10. How do these organisms able to overcome human defenses?

Pseudomonas forms a biofilm which protects the bacteria from host defenses. (phagocytes, Lymphocytes, Complement)
Extracellular enzymes and Toxins (Proteolytic enzymes, Lecithinase, Collagenase, Elastase, Hemolysins, Leucocidin, LPS, exotoxin A) contributing to bacterial invasion

11. What is the end result of this battle between organisms and humans?

Necrotizing infection

12. Why is this patient hypotensive? What is the pathogenesis of septic shock?

The patient is septic. Criteria for sepsis are:

Clinical evidence of infection plus
Evidence of a systemic response to infection which is manifested by 2 or more of the following conditions:
- Temp>38ºC or <36ºC
- HR>90/min
- Respiration >20 breaths/min or PaCO2 <32mm Hg
- WBC >12,000 cells/mm3, <4000 cells/mm3 or >10% immature (band) forms

The lipopolysaccharide (LPS) in gram negative organism triggers complement, clotting, fibrinolytic and kinin pathways.

Fever and inflammation are mediated by cytokines that are released in response to LPS.

Cytokines which are released include TNF-" , interleukin-1 (IL-1) interferon-m ).

Interleukin-1 is the endogenous pyrogen. TNF-" is the most potent mediator of the pathophysiology of the gram negative sepsis syndrome.

13. How do you diagnose this infection?

Gram stain and culture of appropriate secretions/blood.

14. What is the pathogenesis of ecthyma gangrenosum?

Is the result of direct invasion and destruction of the blood vessel walls by the organism.

15. What will be your therapeutic strategy? Why was the patient started on piperacillin and gentamicin? What other antibiotics could be used to treat Pseudomonas bacteremia?

Resistance to many of the common antibiotics due to changes in porins
Combination therapy of cell wall active agent and aminoglycoside
Piperacillin and gentamicin were given to provide bactericidal antibiotic activity against the pseudomonas.
The combination results in synergy. MIC of either drug is decreased by the addition of the second drug, hence the organisms are killed at lower concentrations of the drug.
Other drugs which may be used are imipenem, ceftazidime and aminoglycosides.

16. What factors are associated with a poor outcome in patients with Pseudomonas sepsis?

Sepsis, pneumonia
Persistent neutropenia.

17. How can you prevent it from spreading to others? Prevent its occurrence?

18. What are other clinical infections with these organisms?

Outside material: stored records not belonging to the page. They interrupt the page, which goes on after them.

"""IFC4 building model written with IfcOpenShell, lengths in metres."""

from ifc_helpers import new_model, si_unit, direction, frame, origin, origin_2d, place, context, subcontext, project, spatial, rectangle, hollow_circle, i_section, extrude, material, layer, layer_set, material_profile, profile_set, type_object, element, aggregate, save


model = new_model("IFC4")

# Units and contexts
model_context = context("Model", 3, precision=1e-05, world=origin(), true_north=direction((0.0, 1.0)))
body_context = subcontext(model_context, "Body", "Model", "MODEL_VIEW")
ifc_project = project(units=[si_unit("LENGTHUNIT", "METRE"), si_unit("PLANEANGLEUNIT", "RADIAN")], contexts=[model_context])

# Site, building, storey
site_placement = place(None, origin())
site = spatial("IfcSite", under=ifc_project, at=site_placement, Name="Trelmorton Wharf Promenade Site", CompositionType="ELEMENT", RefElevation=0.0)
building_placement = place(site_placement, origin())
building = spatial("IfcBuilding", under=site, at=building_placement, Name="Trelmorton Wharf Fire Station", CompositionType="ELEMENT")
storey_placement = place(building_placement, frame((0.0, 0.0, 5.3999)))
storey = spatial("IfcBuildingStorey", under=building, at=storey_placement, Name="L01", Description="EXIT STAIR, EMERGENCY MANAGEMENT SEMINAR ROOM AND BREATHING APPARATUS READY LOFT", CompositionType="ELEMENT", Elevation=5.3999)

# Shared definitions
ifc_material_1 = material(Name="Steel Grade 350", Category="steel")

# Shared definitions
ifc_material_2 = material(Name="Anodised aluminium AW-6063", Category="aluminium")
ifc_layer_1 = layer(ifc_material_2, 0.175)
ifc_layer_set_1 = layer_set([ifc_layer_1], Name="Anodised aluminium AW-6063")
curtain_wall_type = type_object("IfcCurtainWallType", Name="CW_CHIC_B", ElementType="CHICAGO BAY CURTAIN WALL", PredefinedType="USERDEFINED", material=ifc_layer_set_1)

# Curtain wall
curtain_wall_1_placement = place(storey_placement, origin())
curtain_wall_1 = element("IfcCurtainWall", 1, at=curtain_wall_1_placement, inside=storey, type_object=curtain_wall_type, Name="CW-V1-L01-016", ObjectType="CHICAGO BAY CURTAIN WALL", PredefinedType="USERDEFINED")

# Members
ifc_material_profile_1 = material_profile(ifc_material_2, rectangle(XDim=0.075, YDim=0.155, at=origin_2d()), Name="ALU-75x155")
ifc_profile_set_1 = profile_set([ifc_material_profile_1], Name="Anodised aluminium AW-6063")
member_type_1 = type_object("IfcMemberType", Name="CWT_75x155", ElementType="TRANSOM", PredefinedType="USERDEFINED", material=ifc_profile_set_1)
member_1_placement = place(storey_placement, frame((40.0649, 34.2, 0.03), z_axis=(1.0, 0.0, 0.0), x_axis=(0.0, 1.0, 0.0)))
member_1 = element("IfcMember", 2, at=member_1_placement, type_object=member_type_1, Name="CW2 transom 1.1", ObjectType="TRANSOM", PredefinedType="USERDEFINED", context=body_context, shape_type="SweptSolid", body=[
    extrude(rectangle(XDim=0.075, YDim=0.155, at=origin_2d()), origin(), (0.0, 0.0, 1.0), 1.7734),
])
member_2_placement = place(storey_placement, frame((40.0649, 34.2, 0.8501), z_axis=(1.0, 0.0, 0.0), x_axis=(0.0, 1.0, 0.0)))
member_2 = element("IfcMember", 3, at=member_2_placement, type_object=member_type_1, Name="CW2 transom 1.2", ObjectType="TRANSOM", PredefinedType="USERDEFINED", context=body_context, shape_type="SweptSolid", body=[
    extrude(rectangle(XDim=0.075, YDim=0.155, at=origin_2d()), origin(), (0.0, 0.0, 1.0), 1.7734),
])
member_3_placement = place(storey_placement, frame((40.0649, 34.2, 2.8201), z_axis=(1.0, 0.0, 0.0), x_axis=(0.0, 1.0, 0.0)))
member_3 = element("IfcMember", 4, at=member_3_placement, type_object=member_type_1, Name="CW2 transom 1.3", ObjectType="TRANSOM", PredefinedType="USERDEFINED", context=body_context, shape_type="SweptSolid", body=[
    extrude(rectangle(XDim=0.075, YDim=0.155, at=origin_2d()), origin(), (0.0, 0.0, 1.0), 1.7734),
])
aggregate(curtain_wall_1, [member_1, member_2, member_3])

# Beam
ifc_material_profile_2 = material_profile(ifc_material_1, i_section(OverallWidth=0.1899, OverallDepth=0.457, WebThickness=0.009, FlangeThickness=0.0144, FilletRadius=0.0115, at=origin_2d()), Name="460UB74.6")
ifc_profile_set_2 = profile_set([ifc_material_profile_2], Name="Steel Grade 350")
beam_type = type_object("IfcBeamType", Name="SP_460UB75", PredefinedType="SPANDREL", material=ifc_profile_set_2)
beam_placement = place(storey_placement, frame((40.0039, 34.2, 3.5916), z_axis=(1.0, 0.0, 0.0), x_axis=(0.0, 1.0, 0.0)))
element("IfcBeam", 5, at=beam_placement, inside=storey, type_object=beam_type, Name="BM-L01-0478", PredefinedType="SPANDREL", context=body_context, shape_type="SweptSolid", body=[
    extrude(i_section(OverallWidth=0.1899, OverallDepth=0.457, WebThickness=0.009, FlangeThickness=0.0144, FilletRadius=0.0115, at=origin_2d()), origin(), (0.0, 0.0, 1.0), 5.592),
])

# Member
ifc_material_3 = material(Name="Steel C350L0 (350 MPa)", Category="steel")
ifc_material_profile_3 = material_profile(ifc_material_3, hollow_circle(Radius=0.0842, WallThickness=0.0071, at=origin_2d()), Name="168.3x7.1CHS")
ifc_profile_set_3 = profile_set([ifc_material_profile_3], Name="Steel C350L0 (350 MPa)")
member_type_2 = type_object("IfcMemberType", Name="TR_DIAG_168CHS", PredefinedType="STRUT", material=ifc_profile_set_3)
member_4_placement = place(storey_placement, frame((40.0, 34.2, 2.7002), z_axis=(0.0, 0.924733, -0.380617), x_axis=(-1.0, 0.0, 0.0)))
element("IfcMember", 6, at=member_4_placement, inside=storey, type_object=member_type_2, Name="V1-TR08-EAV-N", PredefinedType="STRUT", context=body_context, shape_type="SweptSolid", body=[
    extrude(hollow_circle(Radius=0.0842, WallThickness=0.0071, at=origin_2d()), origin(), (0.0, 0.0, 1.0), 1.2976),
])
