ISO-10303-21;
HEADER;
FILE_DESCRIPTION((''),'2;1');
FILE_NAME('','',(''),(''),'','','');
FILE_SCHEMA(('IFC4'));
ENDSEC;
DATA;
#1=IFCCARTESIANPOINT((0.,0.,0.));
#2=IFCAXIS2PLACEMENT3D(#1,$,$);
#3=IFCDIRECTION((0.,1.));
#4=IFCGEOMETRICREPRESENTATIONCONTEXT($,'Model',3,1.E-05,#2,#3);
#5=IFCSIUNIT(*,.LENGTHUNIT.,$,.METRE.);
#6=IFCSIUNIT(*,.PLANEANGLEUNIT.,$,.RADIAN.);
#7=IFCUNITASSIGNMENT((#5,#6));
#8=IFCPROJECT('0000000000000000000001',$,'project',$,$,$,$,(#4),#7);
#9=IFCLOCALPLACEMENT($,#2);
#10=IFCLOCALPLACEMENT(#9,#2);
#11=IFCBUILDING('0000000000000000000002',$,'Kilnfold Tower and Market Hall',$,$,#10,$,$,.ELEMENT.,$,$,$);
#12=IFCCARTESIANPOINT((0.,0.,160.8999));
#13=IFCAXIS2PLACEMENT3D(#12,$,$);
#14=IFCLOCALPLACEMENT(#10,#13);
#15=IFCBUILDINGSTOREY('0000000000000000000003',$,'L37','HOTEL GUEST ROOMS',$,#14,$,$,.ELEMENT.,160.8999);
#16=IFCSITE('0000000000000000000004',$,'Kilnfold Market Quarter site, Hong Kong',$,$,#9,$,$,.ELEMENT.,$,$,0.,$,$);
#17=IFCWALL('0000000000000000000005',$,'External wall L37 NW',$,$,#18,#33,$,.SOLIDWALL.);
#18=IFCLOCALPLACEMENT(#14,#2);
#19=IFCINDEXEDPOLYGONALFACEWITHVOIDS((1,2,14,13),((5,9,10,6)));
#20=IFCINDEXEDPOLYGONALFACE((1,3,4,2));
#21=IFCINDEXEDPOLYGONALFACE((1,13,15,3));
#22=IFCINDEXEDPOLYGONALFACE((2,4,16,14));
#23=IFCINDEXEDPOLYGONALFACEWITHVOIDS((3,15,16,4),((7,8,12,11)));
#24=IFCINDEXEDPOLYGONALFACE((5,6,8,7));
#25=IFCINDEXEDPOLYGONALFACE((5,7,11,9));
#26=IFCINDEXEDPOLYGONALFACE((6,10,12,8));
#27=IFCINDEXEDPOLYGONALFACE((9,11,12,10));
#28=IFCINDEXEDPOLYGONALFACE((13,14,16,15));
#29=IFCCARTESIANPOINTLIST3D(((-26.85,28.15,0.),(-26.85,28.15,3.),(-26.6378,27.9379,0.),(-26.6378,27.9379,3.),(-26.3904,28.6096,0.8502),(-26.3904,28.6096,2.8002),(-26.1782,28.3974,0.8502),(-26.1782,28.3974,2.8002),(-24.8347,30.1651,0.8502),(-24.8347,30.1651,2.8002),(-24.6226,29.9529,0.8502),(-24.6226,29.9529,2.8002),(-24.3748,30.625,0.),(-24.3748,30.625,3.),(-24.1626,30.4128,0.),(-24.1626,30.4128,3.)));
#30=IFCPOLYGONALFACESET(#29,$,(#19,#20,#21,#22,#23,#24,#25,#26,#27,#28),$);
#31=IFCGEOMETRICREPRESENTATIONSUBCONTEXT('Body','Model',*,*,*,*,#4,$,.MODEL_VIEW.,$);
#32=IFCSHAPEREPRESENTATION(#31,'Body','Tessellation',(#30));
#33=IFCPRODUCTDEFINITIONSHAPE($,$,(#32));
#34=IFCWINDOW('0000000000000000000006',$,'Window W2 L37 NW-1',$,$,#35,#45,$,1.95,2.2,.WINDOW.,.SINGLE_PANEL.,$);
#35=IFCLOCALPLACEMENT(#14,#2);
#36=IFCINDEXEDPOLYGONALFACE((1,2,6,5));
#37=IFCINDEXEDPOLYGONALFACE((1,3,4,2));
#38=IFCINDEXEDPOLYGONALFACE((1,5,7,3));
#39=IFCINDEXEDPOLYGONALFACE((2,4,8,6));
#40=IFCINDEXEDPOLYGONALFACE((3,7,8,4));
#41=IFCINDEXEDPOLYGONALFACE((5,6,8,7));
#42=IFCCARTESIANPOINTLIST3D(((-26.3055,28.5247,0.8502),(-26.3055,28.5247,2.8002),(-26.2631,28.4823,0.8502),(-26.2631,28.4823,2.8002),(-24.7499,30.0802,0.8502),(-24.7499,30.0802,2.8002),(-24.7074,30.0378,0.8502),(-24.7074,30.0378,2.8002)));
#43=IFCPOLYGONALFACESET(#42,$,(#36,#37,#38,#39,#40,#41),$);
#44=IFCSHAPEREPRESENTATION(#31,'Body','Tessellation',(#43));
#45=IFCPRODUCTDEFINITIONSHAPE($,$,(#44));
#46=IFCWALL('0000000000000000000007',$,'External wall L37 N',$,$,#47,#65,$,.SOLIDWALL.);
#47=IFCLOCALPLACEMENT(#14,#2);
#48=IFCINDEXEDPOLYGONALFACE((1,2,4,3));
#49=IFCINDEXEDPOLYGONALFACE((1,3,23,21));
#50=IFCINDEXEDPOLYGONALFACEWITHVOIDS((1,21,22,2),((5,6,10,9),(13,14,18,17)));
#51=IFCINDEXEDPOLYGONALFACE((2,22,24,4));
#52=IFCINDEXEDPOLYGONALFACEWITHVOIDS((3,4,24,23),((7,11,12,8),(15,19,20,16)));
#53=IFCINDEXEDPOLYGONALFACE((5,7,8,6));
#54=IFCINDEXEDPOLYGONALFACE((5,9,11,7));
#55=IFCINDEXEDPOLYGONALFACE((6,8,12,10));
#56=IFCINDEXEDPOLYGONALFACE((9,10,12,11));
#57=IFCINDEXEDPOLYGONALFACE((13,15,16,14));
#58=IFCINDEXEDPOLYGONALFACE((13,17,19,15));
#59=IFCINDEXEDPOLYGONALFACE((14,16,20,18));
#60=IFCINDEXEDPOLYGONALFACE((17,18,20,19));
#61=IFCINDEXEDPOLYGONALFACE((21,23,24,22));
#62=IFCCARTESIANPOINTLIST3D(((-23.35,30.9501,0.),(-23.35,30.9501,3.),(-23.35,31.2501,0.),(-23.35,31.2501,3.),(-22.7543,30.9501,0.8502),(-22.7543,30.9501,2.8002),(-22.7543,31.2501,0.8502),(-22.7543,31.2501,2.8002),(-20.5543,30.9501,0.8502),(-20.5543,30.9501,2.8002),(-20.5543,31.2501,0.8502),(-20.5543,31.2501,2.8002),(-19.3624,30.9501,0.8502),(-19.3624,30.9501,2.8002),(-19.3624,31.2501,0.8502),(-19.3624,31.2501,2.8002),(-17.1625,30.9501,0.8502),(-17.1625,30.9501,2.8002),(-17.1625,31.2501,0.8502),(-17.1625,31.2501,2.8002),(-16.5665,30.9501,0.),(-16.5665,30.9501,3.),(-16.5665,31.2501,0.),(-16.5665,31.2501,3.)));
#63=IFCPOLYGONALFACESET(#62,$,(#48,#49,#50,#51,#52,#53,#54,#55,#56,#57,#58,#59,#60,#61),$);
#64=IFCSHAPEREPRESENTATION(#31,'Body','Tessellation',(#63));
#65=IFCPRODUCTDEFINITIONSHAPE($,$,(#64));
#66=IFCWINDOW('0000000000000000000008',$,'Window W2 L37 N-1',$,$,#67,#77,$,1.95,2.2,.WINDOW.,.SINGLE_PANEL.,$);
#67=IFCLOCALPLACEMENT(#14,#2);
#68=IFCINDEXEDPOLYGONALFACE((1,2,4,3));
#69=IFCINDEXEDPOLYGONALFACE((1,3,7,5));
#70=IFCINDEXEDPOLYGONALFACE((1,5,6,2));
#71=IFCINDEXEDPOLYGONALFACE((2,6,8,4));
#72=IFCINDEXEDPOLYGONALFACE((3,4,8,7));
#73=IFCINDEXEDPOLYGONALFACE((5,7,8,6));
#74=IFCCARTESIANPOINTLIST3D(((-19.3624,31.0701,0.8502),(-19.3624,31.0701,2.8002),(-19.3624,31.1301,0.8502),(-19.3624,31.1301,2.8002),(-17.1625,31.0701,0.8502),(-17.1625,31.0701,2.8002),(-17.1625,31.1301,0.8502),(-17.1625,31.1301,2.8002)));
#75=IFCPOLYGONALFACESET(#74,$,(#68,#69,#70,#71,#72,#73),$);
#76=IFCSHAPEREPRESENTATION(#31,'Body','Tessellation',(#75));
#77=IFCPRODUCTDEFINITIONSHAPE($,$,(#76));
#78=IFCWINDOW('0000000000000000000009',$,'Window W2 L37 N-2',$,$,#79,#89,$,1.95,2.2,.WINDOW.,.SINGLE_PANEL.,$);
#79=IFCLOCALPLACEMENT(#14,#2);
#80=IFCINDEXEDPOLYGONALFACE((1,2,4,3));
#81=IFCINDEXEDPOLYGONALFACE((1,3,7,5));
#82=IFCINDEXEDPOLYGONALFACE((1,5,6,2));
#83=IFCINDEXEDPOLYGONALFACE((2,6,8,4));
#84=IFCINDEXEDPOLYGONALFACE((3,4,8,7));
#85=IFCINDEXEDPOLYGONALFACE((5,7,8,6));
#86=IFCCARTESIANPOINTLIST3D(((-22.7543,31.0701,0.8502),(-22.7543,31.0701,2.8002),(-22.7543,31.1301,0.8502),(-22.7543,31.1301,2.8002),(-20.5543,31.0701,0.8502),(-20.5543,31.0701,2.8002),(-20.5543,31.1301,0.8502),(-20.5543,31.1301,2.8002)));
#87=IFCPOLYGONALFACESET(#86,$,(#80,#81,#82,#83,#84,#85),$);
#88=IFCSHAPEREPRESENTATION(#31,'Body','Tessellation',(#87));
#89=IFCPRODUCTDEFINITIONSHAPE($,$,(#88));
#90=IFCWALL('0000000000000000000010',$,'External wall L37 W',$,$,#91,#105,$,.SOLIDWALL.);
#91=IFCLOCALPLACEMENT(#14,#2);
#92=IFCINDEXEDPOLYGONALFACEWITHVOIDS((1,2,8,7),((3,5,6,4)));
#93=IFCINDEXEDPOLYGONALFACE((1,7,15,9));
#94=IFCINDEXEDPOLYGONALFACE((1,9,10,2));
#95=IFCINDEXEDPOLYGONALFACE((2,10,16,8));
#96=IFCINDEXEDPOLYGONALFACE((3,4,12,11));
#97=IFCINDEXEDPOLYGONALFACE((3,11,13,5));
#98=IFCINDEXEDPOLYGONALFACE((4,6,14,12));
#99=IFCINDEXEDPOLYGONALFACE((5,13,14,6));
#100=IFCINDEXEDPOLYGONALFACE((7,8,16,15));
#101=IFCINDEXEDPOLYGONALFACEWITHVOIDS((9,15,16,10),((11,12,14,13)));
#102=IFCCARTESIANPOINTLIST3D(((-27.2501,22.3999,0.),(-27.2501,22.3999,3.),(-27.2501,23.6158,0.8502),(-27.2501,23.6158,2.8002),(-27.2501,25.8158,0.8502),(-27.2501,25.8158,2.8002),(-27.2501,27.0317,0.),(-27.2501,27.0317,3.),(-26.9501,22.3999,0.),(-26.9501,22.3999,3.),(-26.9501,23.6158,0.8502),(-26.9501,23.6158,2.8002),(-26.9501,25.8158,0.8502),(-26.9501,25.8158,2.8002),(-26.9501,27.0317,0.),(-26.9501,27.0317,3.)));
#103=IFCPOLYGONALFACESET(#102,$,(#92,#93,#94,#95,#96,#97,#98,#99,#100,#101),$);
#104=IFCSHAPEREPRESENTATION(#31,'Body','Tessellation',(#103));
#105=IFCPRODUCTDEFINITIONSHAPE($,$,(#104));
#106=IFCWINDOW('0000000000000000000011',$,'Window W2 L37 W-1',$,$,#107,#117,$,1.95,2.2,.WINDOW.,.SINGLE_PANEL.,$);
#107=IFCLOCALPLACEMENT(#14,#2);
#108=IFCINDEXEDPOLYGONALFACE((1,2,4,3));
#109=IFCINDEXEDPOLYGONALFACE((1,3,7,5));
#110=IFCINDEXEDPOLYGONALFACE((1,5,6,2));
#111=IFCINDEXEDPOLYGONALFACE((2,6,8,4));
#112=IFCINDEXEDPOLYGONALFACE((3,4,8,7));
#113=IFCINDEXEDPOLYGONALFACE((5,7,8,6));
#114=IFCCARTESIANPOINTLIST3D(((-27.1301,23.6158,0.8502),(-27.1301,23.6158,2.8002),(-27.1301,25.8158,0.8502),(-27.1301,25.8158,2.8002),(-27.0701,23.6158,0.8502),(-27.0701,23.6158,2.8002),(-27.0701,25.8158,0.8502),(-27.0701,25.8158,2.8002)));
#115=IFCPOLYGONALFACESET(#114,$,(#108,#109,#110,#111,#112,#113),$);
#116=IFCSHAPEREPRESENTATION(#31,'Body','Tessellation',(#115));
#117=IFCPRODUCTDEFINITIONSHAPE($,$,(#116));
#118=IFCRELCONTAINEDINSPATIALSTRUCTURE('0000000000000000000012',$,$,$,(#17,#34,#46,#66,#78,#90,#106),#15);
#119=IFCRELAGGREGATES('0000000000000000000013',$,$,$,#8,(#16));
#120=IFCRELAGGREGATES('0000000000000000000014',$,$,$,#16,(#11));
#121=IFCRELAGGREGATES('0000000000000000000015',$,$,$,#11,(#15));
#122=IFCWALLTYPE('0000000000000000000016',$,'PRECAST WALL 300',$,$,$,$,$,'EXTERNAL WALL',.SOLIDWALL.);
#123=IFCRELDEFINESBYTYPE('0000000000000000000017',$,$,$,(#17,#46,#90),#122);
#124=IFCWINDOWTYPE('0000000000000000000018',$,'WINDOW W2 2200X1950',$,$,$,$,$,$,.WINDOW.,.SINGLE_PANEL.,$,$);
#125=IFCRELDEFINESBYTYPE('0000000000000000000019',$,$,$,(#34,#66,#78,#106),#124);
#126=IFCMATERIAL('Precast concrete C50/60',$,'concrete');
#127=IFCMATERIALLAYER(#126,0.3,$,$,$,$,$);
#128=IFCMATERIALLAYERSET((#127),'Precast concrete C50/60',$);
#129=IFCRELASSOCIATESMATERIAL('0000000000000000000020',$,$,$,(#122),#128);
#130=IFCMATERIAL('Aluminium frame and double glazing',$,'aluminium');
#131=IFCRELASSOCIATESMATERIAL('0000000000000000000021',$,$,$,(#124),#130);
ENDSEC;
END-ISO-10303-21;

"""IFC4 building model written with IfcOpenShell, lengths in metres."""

from ifc_helpers import new_model, si_unit, direction, frame, frame_2d, origin, place, context, subcontext, project, spatial, rectangle, extrude, source, transform, mapped, material, layer, layer_set, type_object, element, fill, save


model = new_model("IFC4")

# Units and contexts
model_context = context("Model", 3, precision=1e-05, world=origin(), true_north=direction((0.0, 1.0)))
body_context = subcontext(model_context, "Body", "Model", "MODEL_VIEW")
ifc_project = project(units=[si_unit("LENGTHUNIT", "METRE"), si_unit("PLANEANGLEUNIT", "RADIAN")], contexts=[model_context])

# Site, building, storey
site_placement = place(None, origin())
site = spatial("IfcSite", under=ifc_project, at=site_placement, Name="Kilnfold Market Quarter site, Hong Kong", CompositionType="ELEMENT", RefElevation=0.0)
building_placement = place(site_placement, origin())
building = spatial("IfcBuilding", under=site, at=building_placement, Name="Kilnfold Tower and Market Hall", CompositionType="ELEMENT")
storey_placement = place(building_placement, frame((0.0, 0.0, 160.8999)))
storey = spatial("IfcBuildingStorey", under=building, at=storey_placement, Name="L37", Description="HOTEL GUEST ROOMS", CompositionType="ELEMENT", Elevation=160.8999)

# Wall, opening, window
ifc_material_1 = material(Name="Precast concrete C50/60", Category="concrete")
ifc_layer_1 = layer(ifc_material_1, 0.3)
ifc_layer_set_1 = layer_set([ifc_layer_1], Name="Precast concrete C50/60")
wall_type_1 = type_object("IfcWallType", Name="PRECAST WALL 300", ElementType="EXTERNAL WALL", PredefinedType="SOLIDWALL", material=ifc_layer_set_1)
shared_shape_1 = source(origin(), body_context, "Body", "SweptSolid", [
    extrude(rectangle(XDim=3.5002, YDim=0.3, at=frame_2d((1.75, 0.0))), origin(), (0.0, 0.0, 1.0), 3.0),
])
wall_1_placement = place(storey_placement, frame((-24.2688, 30.5188, 0.0), z_axis=(0.0, 0.0, 1.0), x_axis=(-0.707142, -0.707072, 0.0)))
wall_1 = element("IfcWall", 1, at=wall_1_placement, inside=storey, type_object=wall_type_1, Name="External wall L37 NW", PredefinedType="SOLIDWALL", context=body_context, shape_type="MappedRepresentation", body=[
    mapped(shared_shape_1, transform((0.0, 0.0, 0.0))),
])
opening_1_placement = place(wall_1_placement, frame((0.6501, 0.0, 0.8501)))
opening_1 = element("IfcOpeningElement", 2, at=opening_1_placement, cuts=wall_1, PredefinedType="OPENING", context=body_context, shape_type="SweptSolid", body=[
    extrude(rectangle(XDim=2.2, YDim=1.95, at=frame_2d((1.1001, 0.9751))), frame((0.0, 0.1602, 0.0), z_axis=(0.0, -1.0, 0.0), x_axis=(1.0, 0.0, 0.0)), (0.0, 0.0, 1.0), 0.3201),
])
ifc_material_2 = material(Name="Aluminium frame and double glazing", Category="aluminium")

Urinary tract infections (Catheterization, instrumentation)
Pneumonia (Neutropenic)
Lower respiratory tract colonization (Cystic fibrosis)
Eye infection:
Swimmers ears.
Endocarditis (IV drug users and prosthetic heart valves)
Osteochondritis
Dermatitis and soft tissue infections (Burns, trauma, dermatitis)
Systemic infections/Septicemia (Our patient is an example of this manifestation)

19. Is there a drug which directly inhibits the pathogenesis of sepsis and how?

Drotrecoigin alfa (activated). Trade name is Xigris. It is biologically engineered recombinant form of a nartural blood product which is human activated protein C. It interferes with blood clotting which prevents DIC by destroying activated factorVa and VIIIa. It also decreases inflammation. It is approved by the FDA for use in patients with severe sepsis who are at high risk of death. Its major side effect is a 3.5% incidence of bleeding. It is administered intravenously and costs about $7,000 per treatment.